Ricorso n. 127 del 25 settembre 2012 (Presidente del Consiglio dei Ministri)
Ricorso per questione di legittimita' costituzionale depositato in cancelleria il 25 settembre 2012 (del Presidente del Consiglio dei ministri).
(GU n. 44 del 7.11.2012)
Ricorso del Presidente del Consiglio dei ministri in carica, rappresentato e difeso dall'Avvocatura Generale dello Stato (c.f. … - n. fax … ed indirizzo P.E.C. per il ricevimento degli atti …) e presso la stessa domiciliato in Roma alla via dei Portoghesi 12, giusta delibera del Consiglio dei ministri adottata nella riunione del 14 settembre 2012 ricorrente;
Contro la Provincia autonoma di Trento, in persona del Presidente pro-tempore della Giunta provinciale, con sede in Trento, piazza Dante n. 15, intimata;
Per la declaratoria di illegittimita' costituzionale dell'art. 4, comma 2, e dell'art. 13, comma 2, della legge della Provincia autonoma di Trento del 20 luglio 2012, n. 14, pubblicata nel B.U.R. Trentino del 24 luglio 2012, n. 30 per violazione dell'art. 8, comma 1, del d.P.R. n. 670 del 1972, recante il testo unico delle leggi costituzionali concernenti lo statuto speciale per il Trentino-Alto Adige, e dell'art. 117, comma 2, lettera s), della Costituzione.
F a t t o
Con la legge n. 14 del 20 luglio 2012 la Provincia autonoma di Trento ha approvato norme modificative della legge provinciale sulle cave e della legge provinciale sulla valutazione d'impatto ambientale.

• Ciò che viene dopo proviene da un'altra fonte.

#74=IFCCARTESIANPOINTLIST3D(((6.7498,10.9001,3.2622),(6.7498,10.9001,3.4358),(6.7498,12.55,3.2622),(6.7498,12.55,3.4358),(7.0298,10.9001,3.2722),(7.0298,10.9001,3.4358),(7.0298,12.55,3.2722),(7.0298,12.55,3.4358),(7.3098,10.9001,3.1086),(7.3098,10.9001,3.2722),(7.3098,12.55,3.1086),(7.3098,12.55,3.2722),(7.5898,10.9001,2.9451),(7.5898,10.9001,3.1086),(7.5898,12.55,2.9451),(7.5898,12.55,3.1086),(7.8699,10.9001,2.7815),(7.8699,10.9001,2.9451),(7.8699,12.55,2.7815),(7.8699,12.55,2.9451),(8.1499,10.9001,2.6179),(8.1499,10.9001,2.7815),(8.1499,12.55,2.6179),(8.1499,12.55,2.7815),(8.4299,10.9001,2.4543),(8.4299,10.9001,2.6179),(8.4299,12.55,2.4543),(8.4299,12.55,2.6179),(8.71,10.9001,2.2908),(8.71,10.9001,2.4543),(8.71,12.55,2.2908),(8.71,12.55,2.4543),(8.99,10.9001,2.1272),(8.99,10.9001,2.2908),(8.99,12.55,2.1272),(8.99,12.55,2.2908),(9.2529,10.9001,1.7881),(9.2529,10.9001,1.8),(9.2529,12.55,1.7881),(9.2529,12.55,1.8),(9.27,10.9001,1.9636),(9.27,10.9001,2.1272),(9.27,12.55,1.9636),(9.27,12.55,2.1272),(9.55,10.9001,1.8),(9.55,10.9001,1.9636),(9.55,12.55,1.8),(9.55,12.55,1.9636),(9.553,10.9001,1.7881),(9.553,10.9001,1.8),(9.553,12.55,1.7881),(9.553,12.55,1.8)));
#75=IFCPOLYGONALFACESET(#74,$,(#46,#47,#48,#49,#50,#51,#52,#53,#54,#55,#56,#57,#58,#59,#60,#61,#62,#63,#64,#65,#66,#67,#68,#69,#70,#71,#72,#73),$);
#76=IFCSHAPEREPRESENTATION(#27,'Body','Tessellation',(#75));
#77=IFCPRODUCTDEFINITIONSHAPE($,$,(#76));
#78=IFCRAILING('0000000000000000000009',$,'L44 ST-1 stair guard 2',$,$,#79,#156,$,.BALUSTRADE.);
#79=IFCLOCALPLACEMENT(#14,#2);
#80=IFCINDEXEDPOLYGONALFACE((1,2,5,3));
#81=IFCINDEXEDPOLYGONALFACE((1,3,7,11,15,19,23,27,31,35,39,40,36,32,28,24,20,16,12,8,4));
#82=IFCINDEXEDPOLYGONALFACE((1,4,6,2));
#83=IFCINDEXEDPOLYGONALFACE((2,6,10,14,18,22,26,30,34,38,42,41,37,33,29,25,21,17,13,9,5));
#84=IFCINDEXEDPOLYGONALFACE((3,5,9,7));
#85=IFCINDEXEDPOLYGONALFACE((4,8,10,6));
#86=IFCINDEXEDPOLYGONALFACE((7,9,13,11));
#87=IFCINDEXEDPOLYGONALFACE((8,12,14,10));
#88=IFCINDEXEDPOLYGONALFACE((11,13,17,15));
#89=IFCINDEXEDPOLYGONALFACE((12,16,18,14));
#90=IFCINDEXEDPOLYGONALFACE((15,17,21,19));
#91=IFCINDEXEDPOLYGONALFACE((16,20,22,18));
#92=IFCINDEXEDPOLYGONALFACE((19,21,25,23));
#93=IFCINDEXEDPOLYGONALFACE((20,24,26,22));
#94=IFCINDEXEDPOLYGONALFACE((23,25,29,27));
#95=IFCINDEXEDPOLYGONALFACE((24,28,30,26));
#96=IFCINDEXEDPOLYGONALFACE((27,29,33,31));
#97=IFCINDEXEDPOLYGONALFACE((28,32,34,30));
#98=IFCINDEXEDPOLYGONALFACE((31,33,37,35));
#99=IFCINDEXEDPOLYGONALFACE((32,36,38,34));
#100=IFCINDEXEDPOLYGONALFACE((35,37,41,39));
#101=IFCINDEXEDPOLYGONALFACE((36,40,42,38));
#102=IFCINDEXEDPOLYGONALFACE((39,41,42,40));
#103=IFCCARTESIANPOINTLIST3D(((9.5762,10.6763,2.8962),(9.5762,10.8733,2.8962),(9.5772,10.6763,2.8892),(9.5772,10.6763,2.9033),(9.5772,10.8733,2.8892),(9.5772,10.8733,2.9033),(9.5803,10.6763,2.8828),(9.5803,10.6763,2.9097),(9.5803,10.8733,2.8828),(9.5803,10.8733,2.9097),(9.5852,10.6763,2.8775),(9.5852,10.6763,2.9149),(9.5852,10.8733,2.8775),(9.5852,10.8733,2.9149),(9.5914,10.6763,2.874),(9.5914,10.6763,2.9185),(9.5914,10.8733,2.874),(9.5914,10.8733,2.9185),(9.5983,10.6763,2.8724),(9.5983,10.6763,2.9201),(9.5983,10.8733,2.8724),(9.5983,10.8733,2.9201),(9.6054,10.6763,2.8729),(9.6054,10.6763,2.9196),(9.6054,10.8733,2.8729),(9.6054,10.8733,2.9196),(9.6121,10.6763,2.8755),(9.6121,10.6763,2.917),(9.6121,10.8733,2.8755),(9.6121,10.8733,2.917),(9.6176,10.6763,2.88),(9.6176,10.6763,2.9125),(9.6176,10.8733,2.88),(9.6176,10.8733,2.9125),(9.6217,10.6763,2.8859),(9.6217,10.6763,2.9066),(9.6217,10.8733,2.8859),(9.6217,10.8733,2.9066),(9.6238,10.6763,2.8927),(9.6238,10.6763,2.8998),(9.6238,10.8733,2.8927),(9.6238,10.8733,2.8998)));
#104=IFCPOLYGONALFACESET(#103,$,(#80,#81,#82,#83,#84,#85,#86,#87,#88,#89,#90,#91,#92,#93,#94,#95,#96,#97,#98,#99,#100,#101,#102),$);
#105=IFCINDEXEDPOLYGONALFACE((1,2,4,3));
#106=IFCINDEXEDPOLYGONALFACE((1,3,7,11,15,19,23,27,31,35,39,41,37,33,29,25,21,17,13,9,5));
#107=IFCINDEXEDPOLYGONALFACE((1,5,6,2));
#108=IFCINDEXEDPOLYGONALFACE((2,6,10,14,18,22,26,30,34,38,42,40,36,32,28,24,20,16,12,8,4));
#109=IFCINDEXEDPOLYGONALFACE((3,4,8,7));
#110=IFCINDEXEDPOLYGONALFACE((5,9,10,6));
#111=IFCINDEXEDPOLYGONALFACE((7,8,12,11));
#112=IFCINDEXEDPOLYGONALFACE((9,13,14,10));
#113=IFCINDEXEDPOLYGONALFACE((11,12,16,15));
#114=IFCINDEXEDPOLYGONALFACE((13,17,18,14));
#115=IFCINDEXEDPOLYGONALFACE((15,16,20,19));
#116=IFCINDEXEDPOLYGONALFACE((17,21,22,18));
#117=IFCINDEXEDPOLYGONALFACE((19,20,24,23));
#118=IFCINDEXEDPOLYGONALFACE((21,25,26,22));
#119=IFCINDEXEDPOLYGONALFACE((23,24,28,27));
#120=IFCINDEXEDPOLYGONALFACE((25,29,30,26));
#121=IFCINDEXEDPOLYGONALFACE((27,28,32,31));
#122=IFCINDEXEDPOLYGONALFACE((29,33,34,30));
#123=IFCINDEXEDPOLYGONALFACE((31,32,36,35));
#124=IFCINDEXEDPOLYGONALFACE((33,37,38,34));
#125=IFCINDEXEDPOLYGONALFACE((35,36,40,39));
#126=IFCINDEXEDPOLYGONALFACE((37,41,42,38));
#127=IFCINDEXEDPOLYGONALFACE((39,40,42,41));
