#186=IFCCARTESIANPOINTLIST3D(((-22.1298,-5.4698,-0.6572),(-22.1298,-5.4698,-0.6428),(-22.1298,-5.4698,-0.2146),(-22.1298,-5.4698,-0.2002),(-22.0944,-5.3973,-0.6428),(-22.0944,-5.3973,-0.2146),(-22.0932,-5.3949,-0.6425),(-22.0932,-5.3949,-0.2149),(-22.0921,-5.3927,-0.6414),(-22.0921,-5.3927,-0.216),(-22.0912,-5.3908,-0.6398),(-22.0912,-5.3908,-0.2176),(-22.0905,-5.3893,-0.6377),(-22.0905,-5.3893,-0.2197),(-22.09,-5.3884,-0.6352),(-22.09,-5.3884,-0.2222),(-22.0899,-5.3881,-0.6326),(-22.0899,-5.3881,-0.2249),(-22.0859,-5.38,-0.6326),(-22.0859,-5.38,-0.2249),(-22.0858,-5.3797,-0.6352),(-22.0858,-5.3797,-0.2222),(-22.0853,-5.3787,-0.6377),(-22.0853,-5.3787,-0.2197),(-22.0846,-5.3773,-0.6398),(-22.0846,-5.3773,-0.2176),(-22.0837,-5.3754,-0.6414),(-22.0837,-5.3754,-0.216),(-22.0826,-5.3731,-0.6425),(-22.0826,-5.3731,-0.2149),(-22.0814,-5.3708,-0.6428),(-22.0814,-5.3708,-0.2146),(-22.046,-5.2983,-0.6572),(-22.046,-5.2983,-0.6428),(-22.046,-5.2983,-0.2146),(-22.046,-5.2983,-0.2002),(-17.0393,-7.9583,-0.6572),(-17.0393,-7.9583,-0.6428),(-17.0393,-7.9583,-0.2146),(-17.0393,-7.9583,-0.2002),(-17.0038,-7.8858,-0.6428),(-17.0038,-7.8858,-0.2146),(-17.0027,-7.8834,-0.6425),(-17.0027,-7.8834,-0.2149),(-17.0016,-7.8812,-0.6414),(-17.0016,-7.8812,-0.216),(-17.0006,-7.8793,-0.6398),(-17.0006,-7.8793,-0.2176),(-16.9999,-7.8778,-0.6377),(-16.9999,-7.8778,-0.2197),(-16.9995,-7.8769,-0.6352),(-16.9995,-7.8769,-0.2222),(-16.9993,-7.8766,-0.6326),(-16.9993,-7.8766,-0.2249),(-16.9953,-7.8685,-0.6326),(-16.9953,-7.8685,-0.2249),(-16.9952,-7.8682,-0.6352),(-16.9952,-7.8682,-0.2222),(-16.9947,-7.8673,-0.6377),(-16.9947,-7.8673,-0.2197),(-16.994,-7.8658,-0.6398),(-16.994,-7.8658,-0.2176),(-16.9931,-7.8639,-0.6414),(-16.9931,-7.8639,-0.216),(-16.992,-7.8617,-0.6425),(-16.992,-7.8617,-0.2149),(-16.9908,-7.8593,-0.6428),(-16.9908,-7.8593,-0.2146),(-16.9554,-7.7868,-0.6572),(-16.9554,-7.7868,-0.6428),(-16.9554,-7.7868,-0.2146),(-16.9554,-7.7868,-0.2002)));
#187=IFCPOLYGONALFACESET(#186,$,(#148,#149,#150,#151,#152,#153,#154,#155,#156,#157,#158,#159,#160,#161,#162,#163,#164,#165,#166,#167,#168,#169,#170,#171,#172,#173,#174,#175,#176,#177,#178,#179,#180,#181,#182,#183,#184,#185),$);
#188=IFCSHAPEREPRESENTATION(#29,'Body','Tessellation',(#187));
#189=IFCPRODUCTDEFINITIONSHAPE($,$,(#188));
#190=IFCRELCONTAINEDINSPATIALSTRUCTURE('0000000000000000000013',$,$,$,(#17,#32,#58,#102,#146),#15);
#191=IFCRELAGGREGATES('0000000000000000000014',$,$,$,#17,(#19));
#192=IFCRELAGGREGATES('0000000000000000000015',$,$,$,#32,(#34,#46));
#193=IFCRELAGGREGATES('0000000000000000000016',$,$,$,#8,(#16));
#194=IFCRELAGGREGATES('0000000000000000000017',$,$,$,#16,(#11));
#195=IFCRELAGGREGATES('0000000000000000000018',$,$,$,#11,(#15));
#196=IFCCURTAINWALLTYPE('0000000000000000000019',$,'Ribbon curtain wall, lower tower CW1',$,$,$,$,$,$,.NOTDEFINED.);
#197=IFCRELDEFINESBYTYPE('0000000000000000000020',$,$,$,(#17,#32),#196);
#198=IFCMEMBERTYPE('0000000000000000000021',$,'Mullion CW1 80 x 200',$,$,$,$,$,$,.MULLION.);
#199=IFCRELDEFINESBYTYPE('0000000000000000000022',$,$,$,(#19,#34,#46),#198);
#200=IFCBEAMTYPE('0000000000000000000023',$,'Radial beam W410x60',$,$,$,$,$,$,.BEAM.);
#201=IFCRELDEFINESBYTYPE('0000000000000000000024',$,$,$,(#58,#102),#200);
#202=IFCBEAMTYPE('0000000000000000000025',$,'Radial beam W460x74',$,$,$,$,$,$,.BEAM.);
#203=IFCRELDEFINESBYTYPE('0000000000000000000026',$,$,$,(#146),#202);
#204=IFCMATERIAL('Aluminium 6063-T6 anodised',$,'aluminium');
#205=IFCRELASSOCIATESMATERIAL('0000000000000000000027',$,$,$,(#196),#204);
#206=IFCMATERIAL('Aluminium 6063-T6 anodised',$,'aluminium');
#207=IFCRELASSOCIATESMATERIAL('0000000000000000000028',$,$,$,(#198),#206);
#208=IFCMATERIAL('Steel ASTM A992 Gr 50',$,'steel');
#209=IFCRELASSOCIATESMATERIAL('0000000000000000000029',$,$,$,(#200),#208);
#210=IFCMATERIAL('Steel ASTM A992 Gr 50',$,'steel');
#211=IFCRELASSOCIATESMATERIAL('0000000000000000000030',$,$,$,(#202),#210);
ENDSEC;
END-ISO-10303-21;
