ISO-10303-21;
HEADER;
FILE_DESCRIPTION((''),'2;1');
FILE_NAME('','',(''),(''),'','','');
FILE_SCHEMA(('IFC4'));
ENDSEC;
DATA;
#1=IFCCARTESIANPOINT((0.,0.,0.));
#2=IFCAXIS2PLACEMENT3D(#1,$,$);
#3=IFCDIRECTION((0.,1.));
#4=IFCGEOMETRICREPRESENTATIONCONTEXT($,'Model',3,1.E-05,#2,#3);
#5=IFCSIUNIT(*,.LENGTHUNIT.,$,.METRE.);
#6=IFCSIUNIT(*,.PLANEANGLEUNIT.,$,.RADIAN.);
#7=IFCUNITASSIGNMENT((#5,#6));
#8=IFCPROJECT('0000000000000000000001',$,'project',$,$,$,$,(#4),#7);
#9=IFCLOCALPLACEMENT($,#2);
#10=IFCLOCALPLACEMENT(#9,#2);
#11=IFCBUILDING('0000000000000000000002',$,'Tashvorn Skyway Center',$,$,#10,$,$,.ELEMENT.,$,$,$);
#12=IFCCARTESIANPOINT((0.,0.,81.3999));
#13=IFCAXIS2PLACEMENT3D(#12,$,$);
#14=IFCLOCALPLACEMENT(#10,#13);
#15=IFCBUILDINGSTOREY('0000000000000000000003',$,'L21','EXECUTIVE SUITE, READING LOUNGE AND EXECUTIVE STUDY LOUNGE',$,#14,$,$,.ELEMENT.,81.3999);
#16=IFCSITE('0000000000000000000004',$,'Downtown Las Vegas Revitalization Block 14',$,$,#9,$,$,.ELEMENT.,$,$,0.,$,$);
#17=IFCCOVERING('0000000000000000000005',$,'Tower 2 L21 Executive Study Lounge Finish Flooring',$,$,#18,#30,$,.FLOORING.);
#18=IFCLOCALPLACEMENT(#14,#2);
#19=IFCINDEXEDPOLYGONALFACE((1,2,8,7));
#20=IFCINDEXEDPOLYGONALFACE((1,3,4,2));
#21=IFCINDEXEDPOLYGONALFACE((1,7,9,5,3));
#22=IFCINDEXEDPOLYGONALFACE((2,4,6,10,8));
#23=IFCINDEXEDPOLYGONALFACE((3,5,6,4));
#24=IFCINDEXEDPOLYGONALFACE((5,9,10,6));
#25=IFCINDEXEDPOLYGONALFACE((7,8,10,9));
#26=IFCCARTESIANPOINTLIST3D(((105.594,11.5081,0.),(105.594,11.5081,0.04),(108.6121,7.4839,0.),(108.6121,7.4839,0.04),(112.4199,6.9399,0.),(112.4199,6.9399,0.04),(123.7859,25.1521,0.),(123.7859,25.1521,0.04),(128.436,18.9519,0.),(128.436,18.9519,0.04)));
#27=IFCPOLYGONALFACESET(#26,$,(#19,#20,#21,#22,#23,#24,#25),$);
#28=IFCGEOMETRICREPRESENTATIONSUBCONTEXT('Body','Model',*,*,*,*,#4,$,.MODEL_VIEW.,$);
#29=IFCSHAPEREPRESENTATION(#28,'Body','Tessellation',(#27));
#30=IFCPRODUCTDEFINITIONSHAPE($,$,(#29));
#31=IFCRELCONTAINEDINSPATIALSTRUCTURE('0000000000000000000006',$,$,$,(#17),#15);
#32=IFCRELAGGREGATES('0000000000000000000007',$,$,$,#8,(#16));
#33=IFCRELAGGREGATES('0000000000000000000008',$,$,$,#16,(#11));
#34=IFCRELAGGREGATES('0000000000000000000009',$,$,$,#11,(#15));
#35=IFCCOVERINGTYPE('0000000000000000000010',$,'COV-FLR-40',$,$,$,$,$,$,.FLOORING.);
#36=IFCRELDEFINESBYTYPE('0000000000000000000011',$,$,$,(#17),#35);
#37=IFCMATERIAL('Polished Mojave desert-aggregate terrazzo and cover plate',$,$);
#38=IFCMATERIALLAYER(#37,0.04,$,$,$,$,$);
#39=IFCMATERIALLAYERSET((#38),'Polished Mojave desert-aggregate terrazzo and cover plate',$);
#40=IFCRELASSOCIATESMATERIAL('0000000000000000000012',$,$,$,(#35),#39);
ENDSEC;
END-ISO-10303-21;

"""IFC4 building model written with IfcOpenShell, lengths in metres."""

from ifc_helpers import new_model, si_unit, direction, frame, origin, place, context, subcontext, project, spatial, polyline, outline, extrude, material, layer, layer_set, type_object, element, save


model = new_model("IFC4")

# Units and contexts
model_context = context("Model", 3, precision=1e-05, world=origin(), true_north=direction((0.0, 1.0)))
body_context = subcontext(model_context, "Body", "Model", "MODEL_VIEW")
ifc_project = project(units=[si_unit("LENGTHUNIT", "METRE"), si_unit("PLANEANGLEUNIT", "RADIAN")], contexts=[model_context])

# Site, building, storey
site_placement = place(None, origin())
site = spatial("IfcSite", under=ifc_project, at=site_placement, Name="Downtown Las Vegas Revitalization Block 14", CompositionType="ELEMENT", RefElevation=0.0)
building_placement = place(site_placement, origin())
building = spatial("IfcBuilding", under=site, at=building_placement, Name="Tashvorn Skyway Center", CompositionType="ELEMENT")
storey_placement = place(building_placement, frame((0.0, 0.0, 81.3999)))
storey = spatial("IfcBuildingStorey", under=building, at=storey_placement, Name="L21", Description="EXECUTIVE SUITE, READING LOUNGE AND EXECUTIVE STUDY LOUNGE", CompositionType="ELEMENT", Elevation=81.3999)

# Covering
ifc_material_1 = material(Name="Polished Mojave desert-aggregate terrazzo and cover plate")
ifc_layer_1 = layer(ifc_material_1, 0.04)
ifc_layer_set_1 = layer_set([ifc_layer_1], Name="Polished Mojave desert-aggregate terrazzo and cover plate")
covering_type_1 = type_object("IfcCoveringType", Name="COV-FLR-40", PredefinedType="FLOORING", material=ifc_layer_set_1)
covering_1_placement = place(storey_placement, origin())
element("IfcCovering", 1, at=covering_1_placement, inside=storey, type_object=covering_type_1, Name="Tower 2 L21 Executive Study Lounge Finish Flooring", PredefinedType="FLOORING", context=body_context, shape_type="SweptSolid", body=[
    extrude(outline(polyline([(112.4199, 6.9399), (108.6121, 7.4839), (105.594, 11.5081), (123.7859, 25.1521), (128.436, 18.9519), (112.4199, 6.9399)])), origin(), (0.0, 0.0, 1.0), 0.04),
])

save(model, "model.ifc")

Tra le disposizioni introdotte, quella recata dell'art. 4, comma 2 - che sostituisce la lettera a) dell'art. 7, comma 5 della legge provinciale 24 ottobre 2006, n. 7, recante disciplina in materia di cave - e quella, alla prima collegata, recata dall'art. 13, comma 2, si prestano a censure di illegittimita' costituzionale per i seguenti
motivi di
Diritto
In via preliminare, si evidenzia che il testo previgente dell'art. 7, comma 5, della legge provinciale n. 7/2006, in tema di autorizzazioni alla coltivazione di cave, disponeva che i comuni potessero prorogare le autorizzazioni, su motivata richiesta dell'interessato, alle condizioni stabilite nell'atto originale, solo per il periodo necessario a: «a) completare i lavori di coltivazione autorizzati, compresi quelli di ripristino; in tal caso la proroga puo' essere disposta per un periodo non superiore a un anno; b) adottare il provvedimento di rinnovo dell'autorizzazione.».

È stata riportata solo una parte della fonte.